Great for debugging/introspection as well as advanced user interaction.
- Multi-process control allowing remote plotting, Qt signal connection across processes, and very simple in-line parallelization.
- Dock system allowing the user to rearrange GUI components.
Similar to Qt's dock system but a little more flexible and programmable.
- Color gradient editor
- SpinBox with SI-unit display and logarithmic stepping
- Debian, Ubuntu, and similar Linux:
Download the .deb file linked at the top of the page.
- Other Linux:
Many people have generated packages for non-debian Linux distributions, including Arch, Suse, and Gentoo. Check your distribution repository for pyqtgraph packages.
Download and run the .exe installer file linked at the top of the page.
- Everybody (including OSX):
Download the .tar.gz source package linked at the top of the page, extract its contents, and run "python setup.py install" from within the extracted directory (pyqtgraph is a pure-python library, so no compiling occurs during this installation). Or, install from pypi using "pip install pyqtgraph".
It should, however, run on any platform which supports the following packages:
- Python 2.7 and 3+
- PyQt 4.8+ or PySide
- scipy (only required for pyqtgraph 0.9.10 and earlier)
- python-opengl bindings are required for 3D graphics
If you would like to request a specific section of documentation, please ask on the forum. There are also many examples to look through; for a menu of examples run:
python -m pyqtgraph.examples
Packaging for Distribution:
For versions past 0.9.10, using py2exe is much simpler; see examples/py2exe.

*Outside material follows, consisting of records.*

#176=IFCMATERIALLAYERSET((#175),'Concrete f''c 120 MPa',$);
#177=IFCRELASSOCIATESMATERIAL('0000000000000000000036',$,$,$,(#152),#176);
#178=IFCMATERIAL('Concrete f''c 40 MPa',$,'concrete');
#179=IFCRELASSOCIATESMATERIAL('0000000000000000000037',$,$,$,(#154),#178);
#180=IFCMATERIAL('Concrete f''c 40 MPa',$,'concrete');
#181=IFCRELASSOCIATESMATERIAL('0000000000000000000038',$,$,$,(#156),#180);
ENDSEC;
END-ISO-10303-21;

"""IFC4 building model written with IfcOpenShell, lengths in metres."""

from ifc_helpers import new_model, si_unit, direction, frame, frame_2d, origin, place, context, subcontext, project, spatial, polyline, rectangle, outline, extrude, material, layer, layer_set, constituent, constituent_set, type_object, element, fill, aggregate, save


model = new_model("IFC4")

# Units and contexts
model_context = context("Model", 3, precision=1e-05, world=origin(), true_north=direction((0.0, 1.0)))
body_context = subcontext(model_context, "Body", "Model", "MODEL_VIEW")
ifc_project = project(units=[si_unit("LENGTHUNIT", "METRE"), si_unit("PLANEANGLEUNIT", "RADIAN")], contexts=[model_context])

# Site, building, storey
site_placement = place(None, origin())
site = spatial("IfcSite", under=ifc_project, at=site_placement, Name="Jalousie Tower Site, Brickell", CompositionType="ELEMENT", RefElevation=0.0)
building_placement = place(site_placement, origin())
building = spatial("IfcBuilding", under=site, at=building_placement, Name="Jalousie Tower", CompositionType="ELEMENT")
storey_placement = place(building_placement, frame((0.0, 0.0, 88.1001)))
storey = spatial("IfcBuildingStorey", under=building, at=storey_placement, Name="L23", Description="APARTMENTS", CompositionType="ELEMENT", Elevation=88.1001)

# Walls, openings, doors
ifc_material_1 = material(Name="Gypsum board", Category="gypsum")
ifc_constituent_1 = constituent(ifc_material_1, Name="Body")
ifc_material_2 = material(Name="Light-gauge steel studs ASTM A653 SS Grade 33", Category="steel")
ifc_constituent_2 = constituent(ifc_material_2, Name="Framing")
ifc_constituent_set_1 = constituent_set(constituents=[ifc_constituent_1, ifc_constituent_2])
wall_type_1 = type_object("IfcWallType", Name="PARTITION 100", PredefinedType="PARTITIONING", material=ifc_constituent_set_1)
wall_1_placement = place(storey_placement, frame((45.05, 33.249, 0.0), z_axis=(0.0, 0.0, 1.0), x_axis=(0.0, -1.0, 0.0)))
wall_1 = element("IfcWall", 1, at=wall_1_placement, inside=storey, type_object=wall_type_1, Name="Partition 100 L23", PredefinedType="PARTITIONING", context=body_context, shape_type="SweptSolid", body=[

Questions, feedback, and bug reports:
- Post questions, feedback, and bug reports to the pyqtgraph forum.
- Or: post questions to Stack Overflow with the tag 'pyqtgraph' (if it's not tagged correctly, I'll probably never see it).

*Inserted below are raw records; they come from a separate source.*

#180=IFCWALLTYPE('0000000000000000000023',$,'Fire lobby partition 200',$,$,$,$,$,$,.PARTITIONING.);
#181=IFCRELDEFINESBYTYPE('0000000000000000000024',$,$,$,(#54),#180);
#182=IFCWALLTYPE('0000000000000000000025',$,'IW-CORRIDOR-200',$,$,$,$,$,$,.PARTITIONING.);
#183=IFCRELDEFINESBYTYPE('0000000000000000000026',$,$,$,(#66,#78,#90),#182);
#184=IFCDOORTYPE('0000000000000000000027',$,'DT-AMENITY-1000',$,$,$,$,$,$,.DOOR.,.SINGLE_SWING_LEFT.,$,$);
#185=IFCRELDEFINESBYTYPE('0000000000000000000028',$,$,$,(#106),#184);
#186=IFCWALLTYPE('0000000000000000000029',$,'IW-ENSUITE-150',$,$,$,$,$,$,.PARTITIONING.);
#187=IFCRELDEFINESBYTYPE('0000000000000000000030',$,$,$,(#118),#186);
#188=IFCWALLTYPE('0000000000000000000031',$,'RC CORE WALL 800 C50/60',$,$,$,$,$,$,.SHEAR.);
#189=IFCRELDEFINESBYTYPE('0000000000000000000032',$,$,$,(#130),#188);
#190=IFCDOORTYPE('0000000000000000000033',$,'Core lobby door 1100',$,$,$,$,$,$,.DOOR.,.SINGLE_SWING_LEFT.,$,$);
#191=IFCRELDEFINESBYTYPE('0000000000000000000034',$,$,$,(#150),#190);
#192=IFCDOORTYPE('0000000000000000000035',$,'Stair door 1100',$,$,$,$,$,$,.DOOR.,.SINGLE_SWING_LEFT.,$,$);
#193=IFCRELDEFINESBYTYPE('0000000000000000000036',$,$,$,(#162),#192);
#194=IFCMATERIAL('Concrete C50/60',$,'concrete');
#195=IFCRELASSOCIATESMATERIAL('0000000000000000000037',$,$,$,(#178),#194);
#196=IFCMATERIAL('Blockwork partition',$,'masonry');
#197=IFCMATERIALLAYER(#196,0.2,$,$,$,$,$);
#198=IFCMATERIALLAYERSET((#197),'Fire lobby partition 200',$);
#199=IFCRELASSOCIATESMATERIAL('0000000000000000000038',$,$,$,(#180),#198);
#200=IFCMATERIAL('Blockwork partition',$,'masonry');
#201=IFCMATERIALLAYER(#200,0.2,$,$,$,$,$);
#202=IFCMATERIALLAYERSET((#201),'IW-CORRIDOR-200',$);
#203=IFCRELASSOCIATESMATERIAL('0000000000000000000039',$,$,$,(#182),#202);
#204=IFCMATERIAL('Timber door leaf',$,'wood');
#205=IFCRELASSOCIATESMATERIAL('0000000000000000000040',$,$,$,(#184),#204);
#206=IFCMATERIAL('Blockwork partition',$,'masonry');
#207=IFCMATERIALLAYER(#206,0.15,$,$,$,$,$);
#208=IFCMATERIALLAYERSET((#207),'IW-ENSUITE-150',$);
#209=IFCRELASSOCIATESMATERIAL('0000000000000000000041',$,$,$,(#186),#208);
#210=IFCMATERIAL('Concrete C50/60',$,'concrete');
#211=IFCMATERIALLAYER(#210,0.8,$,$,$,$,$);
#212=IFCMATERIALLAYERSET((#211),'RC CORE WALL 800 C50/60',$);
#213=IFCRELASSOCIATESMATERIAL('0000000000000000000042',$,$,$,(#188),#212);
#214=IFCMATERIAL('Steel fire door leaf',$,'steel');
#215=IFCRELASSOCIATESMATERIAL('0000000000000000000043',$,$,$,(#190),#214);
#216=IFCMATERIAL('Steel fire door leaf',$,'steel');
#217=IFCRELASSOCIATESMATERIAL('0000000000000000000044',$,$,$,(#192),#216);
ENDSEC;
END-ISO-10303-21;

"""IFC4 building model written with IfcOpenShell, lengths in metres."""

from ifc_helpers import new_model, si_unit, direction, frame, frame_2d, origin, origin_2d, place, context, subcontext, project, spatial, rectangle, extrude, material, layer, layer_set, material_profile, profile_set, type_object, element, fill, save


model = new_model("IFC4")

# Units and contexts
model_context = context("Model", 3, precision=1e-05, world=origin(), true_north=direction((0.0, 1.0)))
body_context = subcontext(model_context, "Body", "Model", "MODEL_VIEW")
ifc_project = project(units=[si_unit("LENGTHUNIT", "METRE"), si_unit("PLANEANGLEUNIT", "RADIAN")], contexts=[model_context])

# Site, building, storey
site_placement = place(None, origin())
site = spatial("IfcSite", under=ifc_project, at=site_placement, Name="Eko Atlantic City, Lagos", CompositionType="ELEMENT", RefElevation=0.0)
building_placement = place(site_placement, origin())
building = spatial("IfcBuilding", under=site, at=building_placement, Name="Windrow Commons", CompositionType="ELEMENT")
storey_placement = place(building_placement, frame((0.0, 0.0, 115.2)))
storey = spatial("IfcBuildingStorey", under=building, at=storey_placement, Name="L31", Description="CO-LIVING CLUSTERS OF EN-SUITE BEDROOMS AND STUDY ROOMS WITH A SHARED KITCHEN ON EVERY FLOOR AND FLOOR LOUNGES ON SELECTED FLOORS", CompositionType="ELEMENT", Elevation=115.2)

Comparison to other python graphics packages:
- Matplotlib is more or less the de-facto standard plotting library for python. If
you are starting a new project and do not need any of the features specifically provided
by pyqtgraph, you should start with matplotlib. It is much more mature, has an enormous
user community, and produces very nice publication-quality graphics.
Reasons you might want to use pyqtgraph instead:
- Speed. If you are doing anything requiring rapid plot updates, video, or realtime interactivity, matplotlib is not the best choice. This is (in my opinion) matplotlib's greatest weakness.
- Portability / ease of installation. PyQtGraph is a pure-python package, which means that it runs on virtually every platform supported by numpy and PyQt, no compiling required. If you require portability in your application, this can make your life a lot easier.
- Many other features--pyqtgraph is much more than a plotting library; it strives to cover many aspects of science/engineering application development with more advanced features like its ImageView and ScatterPlotWidget analysis tools, ROI-based data slicing, parameter trees, flowcharts, multiprocessing, and more.
- PyQwt has a very nice set of features and is fast enough for realtime work. Its main drawback is that it is currently unmaintained and can be difficult to get working on a variety of platforms. Hopefully in the future it may find a new maintainer, but until then it may be best to avoid PyQwt (the original PyQwt maintainer is currently recommending to use pyqtgraph instead; check their mailing lists for updates). Like matplotlib, PyQwt lacks some of the more advanced features of pyqtgraph.
- Chaco is a very interesting project--nice graphics, good speed, and actively developed. Like PyQwt, however, Chaco can be challenging to install on a wide variety of platforms and lacks some of pyqtgraph's more advanced features (although pyqtgraph certainly lacks many of Chaco's features as well).
- GuiQwt is an interesting project with many advanced features similar to pyqtgraph. It is presently based on PyQwt and thus comes with some of its drawbacks, although there appear to be plans to change this in the future.